At this point I am sure someone would like to raise the hoary chestnut about the civil service and the armed forces being totally apolitical. Very simple, it isn’t true now and I doubt if it ever was. At the very dawn of independence, it is recorded that over three-quarters of the Indian Political Service — the British-trained bureaucrats dealing with the princely states — opted for Pakistan because they couldn’t stand the Congress. Later yet, no civil servant made the mistake of thinking that Indira Gandhi’s call for ‘‘commitment’’ was limited to the judiciary. And as I noted in my last column, both Krishna Menon and Mulayam Singh Yadav played ducks and drakes with promotions for the sake of their favourites in the Army.
Up to a point it even makes sense for civil servants to be shuffled around when there is a change of government. There are plenty of ways in which an unwilling bureaucrat can delay the implementation of a policy which he disapproves of, perhaps indefinitely so. And setting policy is, or should be, the prerogative of the elected leadership. It is understandable of governments choose men who can be trusted to carry out orders rather than question them, occasionally even invoking the judiciary.
I am not arguing that every government should move bureaucrats around as soon as a new set of ministers takes over. However it needs to be understood that a ministry has the right to do so, subject of course to the supervision and criticism of Parliament.

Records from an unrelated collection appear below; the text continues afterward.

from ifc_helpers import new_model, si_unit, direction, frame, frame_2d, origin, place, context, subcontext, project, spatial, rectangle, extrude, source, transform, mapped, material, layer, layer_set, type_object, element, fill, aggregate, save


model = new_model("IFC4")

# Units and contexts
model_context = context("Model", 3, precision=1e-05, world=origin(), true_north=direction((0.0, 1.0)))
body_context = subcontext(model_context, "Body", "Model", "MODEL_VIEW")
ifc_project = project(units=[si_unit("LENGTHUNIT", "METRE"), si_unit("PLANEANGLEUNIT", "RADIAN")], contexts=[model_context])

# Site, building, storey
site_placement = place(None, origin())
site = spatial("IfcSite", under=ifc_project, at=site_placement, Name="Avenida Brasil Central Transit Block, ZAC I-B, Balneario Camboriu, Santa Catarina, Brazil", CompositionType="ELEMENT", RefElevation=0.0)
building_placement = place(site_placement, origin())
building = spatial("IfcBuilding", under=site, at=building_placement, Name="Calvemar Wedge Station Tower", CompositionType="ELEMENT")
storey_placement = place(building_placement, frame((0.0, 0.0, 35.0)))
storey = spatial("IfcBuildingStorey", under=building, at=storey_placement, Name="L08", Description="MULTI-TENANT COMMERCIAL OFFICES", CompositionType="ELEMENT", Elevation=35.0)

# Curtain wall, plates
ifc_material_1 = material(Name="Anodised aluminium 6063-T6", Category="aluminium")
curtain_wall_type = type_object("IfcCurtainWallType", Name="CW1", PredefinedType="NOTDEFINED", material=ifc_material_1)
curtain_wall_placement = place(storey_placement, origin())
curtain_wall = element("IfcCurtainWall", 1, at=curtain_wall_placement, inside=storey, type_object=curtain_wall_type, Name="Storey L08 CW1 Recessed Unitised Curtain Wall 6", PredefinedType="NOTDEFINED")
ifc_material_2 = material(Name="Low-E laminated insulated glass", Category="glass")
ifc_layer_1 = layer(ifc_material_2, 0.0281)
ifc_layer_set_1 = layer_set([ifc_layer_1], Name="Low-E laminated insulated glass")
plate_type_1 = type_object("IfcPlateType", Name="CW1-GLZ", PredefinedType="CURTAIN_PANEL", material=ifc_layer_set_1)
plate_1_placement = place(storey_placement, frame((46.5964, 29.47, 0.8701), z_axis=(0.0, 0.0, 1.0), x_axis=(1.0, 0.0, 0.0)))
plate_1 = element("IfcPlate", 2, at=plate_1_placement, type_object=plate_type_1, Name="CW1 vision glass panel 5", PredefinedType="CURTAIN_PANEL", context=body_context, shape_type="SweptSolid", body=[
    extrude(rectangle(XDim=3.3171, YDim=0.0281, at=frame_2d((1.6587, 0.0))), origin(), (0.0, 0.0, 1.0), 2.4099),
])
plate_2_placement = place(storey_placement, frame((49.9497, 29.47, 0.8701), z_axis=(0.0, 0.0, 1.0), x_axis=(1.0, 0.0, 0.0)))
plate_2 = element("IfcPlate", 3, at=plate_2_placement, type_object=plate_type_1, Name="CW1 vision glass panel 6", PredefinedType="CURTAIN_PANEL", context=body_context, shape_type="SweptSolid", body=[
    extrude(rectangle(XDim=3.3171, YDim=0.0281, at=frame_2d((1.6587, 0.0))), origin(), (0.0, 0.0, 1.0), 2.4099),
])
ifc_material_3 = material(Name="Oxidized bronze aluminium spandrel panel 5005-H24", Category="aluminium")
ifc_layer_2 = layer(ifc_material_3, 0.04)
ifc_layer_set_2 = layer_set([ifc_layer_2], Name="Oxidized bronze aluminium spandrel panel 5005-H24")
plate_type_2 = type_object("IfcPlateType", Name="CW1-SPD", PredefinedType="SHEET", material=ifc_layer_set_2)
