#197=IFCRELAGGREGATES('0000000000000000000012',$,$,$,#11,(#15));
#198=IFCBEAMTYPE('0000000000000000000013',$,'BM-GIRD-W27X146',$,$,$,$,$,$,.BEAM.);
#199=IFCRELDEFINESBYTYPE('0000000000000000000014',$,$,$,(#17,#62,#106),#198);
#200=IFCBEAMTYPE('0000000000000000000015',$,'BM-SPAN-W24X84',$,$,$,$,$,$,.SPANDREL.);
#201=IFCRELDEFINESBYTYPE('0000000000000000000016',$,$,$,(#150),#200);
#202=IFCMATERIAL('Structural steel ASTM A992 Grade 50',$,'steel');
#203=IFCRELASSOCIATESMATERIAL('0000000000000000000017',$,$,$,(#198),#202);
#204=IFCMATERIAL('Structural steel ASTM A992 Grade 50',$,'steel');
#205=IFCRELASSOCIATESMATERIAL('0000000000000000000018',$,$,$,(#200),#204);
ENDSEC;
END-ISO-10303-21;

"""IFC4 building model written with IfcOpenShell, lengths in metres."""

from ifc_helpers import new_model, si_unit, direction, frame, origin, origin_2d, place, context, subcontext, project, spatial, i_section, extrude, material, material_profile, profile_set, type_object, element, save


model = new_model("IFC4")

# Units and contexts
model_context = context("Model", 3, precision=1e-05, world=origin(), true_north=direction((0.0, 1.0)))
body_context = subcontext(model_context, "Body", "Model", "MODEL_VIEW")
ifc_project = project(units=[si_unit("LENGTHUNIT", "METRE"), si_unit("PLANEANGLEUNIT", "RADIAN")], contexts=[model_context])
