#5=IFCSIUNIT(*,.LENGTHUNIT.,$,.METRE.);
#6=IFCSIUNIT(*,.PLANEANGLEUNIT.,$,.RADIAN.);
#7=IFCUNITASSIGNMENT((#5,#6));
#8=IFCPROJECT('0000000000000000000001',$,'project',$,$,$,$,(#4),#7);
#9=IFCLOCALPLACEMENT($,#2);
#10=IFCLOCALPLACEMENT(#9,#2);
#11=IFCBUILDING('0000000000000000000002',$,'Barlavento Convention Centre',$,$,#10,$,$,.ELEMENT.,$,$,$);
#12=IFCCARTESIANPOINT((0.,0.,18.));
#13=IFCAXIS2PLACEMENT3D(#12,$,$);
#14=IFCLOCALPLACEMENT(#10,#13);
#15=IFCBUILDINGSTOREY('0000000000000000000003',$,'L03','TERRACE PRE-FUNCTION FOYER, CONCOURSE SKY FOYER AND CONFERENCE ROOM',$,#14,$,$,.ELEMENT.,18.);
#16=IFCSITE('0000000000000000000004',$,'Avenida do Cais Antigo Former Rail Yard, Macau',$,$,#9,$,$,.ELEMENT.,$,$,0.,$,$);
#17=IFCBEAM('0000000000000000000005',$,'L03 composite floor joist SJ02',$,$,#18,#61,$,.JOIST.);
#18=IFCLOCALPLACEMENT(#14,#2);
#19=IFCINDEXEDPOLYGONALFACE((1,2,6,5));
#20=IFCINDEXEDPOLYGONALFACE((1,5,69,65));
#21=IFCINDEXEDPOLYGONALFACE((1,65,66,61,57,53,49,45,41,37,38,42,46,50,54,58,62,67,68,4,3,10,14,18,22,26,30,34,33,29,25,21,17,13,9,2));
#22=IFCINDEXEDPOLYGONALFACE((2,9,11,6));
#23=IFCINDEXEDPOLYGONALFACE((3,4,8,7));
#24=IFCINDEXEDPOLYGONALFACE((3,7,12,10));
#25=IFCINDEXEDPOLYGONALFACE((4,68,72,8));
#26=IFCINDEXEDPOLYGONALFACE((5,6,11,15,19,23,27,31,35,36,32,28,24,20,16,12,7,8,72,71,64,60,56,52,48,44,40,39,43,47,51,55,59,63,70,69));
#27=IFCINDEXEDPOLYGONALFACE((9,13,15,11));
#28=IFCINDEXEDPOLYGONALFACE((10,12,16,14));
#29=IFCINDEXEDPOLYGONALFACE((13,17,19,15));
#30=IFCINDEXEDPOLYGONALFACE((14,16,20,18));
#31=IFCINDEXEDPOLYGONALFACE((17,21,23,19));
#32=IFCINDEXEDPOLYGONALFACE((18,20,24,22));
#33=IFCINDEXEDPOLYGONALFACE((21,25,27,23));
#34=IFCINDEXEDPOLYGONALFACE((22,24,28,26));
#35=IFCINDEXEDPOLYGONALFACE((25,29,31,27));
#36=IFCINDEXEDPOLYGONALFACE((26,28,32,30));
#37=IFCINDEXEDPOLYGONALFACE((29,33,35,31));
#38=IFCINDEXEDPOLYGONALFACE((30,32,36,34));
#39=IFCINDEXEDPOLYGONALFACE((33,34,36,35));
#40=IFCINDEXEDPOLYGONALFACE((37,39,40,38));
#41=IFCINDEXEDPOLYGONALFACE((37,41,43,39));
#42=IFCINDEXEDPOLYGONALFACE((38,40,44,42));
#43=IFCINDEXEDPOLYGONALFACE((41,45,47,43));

That is something that is understood even in more mature democracies such as Britain and the United States. The arrival of a new man in the White House invariably leads to literally thousands of changes in personnel. Even in Britain, which enjoys a ‘permanent’ civil service, there are almost always some changes ushered in by a new administration.
But nobody comments on such changes when they take place in London or Washington because it is taken for granted that a new broom will sweep clean. Problems arise when they take place at a time when a government is expected to have found its feet. That, of course, is where the Vajpayee government erred on the side of humanity.

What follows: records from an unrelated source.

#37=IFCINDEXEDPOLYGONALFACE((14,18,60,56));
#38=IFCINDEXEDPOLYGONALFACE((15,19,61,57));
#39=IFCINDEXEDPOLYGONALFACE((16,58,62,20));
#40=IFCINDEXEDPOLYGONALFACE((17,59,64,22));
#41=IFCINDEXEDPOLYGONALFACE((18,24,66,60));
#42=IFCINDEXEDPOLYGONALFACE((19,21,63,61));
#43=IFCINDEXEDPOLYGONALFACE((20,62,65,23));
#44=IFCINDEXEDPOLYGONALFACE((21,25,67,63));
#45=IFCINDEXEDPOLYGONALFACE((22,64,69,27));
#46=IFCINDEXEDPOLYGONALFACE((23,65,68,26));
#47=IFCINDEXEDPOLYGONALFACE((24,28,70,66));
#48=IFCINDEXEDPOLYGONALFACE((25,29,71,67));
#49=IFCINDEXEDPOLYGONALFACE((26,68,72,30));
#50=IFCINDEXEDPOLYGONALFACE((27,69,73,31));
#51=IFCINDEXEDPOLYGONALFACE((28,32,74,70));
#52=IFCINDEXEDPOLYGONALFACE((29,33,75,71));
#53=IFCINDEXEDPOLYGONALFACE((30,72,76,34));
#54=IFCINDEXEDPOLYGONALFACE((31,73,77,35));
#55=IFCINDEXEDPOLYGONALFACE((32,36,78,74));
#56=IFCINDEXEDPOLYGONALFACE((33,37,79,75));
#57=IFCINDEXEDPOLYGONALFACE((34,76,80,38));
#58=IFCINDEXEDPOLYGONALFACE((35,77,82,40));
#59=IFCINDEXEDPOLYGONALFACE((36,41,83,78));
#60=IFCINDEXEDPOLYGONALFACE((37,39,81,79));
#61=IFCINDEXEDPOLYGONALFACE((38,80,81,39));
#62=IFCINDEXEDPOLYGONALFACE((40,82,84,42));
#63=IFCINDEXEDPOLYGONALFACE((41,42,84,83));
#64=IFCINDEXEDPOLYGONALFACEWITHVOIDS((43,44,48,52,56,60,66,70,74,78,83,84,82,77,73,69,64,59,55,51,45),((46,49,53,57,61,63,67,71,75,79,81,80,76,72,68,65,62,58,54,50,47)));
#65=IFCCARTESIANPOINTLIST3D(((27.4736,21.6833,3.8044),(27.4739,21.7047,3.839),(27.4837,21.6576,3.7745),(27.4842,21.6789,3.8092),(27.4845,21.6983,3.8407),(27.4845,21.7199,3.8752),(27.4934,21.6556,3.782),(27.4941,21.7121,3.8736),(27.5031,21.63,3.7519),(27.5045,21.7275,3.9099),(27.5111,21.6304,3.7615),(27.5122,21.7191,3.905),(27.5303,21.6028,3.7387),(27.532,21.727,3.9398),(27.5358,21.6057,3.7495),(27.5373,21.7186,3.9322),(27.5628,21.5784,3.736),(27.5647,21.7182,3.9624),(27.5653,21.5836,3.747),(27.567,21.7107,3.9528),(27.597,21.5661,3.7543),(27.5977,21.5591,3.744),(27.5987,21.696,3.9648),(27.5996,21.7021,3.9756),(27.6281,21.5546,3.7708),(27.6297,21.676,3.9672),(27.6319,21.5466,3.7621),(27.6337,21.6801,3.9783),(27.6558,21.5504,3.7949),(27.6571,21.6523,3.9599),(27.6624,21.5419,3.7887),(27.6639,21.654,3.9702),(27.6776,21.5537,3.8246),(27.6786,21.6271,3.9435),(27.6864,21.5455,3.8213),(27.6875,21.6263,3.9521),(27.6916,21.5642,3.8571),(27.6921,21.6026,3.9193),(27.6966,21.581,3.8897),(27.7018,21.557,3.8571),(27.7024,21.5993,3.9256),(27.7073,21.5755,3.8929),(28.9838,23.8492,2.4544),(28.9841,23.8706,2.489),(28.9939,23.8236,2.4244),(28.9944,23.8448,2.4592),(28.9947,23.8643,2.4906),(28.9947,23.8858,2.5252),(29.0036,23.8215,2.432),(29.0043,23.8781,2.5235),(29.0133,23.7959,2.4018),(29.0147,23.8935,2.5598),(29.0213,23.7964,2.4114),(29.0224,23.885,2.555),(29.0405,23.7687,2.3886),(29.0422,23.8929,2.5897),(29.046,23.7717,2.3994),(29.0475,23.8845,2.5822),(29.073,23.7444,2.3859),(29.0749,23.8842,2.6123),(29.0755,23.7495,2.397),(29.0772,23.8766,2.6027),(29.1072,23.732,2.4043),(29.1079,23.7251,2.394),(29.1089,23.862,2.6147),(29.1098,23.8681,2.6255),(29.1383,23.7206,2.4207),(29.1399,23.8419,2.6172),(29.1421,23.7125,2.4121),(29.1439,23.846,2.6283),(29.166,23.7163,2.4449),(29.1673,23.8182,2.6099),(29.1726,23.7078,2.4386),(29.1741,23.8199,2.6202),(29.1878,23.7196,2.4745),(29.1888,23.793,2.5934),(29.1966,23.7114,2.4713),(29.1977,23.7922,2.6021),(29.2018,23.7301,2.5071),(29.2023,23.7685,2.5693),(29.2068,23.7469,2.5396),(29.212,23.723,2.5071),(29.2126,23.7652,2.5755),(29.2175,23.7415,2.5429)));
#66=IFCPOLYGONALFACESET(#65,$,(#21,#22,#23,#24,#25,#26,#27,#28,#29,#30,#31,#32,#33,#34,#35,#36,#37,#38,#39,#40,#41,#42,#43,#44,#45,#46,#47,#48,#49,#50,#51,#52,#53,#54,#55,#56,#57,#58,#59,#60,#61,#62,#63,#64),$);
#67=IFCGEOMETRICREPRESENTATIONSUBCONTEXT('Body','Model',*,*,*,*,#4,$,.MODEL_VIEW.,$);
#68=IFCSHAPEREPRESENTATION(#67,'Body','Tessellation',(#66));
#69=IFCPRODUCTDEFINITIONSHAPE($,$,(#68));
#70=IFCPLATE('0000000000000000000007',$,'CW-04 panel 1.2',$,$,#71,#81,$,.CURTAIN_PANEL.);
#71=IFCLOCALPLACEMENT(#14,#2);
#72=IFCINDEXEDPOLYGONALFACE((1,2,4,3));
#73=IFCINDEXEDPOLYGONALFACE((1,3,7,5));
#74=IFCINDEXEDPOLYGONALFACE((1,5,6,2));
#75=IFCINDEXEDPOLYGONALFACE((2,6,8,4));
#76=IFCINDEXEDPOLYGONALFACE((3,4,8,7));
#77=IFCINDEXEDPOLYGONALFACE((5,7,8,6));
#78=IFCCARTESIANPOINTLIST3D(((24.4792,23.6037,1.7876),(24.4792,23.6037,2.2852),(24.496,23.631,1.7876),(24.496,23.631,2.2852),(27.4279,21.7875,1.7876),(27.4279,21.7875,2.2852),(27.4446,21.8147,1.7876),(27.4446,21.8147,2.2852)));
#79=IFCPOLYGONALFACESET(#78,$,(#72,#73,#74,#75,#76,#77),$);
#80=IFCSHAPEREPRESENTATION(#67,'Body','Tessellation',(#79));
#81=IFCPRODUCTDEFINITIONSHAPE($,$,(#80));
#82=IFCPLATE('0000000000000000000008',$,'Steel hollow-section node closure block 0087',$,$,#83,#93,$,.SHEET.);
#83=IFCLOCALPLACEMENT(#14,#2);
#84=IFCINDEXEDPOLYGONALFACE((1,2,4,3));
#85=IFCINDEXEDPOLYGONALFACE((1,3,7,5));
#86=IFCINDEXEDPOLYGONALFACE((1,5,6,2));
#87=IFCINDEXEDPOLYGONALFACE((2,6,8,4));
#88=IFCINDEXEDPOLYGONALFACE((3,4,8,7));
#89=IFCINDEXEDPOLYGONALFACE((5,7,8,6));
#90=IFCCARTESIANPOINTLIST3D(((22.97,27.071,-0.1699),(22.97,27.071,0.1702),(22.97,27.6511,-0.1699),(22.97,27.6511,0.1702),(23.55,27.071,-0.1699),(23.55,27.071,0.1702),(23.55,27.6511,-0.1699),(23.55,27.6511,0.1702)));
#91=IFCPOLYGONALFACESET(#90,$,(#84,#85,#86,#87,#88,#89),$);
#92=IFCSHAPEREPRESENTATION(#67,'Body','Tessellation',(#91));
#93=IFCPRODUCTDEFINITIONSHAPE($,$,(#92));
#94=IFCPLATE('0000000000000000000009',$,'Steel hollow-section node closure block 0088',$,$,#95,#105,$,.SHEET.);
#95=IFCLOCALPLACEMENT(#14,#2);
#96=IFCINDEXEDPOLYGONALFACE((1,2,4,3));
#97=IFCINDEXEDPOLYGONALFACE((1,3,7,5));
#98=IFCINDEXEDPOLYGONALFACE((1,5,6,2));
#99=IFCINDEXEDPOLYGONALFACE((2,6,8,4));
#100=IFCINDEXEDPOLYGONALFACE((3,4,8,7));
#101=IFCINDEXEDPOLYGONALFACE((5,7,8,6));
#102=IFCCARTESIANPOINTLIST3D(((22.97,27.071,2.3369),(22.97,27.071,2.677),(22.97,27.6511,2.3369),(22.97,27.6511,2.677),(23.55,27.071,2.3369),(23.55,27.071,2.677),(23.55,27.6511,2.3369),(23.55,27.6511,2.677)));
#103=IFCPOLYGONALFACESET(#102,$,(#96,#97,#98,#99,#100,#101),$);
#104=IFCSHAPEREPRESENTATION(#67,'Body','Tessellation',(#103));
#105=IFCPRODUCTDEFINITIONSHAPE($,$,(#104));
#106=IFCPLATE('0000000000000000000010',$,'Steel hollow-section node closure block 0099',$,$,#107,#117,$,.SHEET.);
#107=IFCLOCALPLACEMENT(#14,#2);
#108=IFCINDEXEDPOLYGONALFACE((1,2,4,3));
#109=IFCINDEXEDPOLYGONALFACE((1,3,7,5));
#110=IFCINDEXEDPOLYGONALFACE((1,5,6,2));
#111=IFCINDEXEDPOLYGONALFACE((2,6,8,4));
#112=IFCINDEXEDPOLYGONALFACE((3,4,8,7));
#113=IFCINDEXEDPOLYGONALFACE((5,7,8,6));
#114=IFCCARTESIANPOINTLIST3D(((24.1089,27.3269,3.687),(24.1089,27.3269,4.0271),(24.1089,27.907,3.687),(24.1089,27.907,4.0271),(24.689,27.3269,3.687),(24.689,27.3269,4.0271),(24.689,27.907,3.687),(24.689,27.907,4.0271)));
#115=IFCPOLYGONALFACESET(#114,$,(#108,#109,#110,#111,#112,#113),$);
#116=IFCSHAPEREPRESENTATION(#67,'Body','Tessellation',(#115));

The Prime Minister is a gentleman, a ‘‘walker’’ in cricketing argot. Do you remember the first time that he asked for a vote of confidence from the Lok Sabha back in May 1996? He tried his best to convince the House to give his ministry an even break; when that didn’t work he walked off to Rashtrapati Bhavan to offer his resignation rather than push the issue. Left to himself, he would have preferred potentially troublesome civil servants — governors, ambassadors, and the like included — to do the honourable thing and fall on their swords. An outright axing will always be the last option.
Of course, the mistake made by the civil service at large was to mistake the Prime Minister’s natural courtesy for weakness. There was a tendency to think of the BJP’s ministers as people who could be pushed around. But that was always just a little silly. Think about it — the Vajpayee ministry’s majority is so slender that a handful of defections can pull it down, yet Jayalalitha’s more outrageous demands were always brushed aside. If she couldn’t move the BJP leaders beyond a point, why did the bureaucracy imagine that it could succeed?
The Vajpayee ministry has been the cleanest in recent years. It has had the guts to take unpopular decisions. But it has also, until recently, been a little too nice for its own good.
A friend of mine chuckled when he saw reports of a Cabinet expansion. ‘‘The BJP doesn’t have a problem with appointing the right people,’’ he said, ‘‘What the Prime Minister really needs is a Minister for Sacking Unhelpful People!’’ He might just have had a point.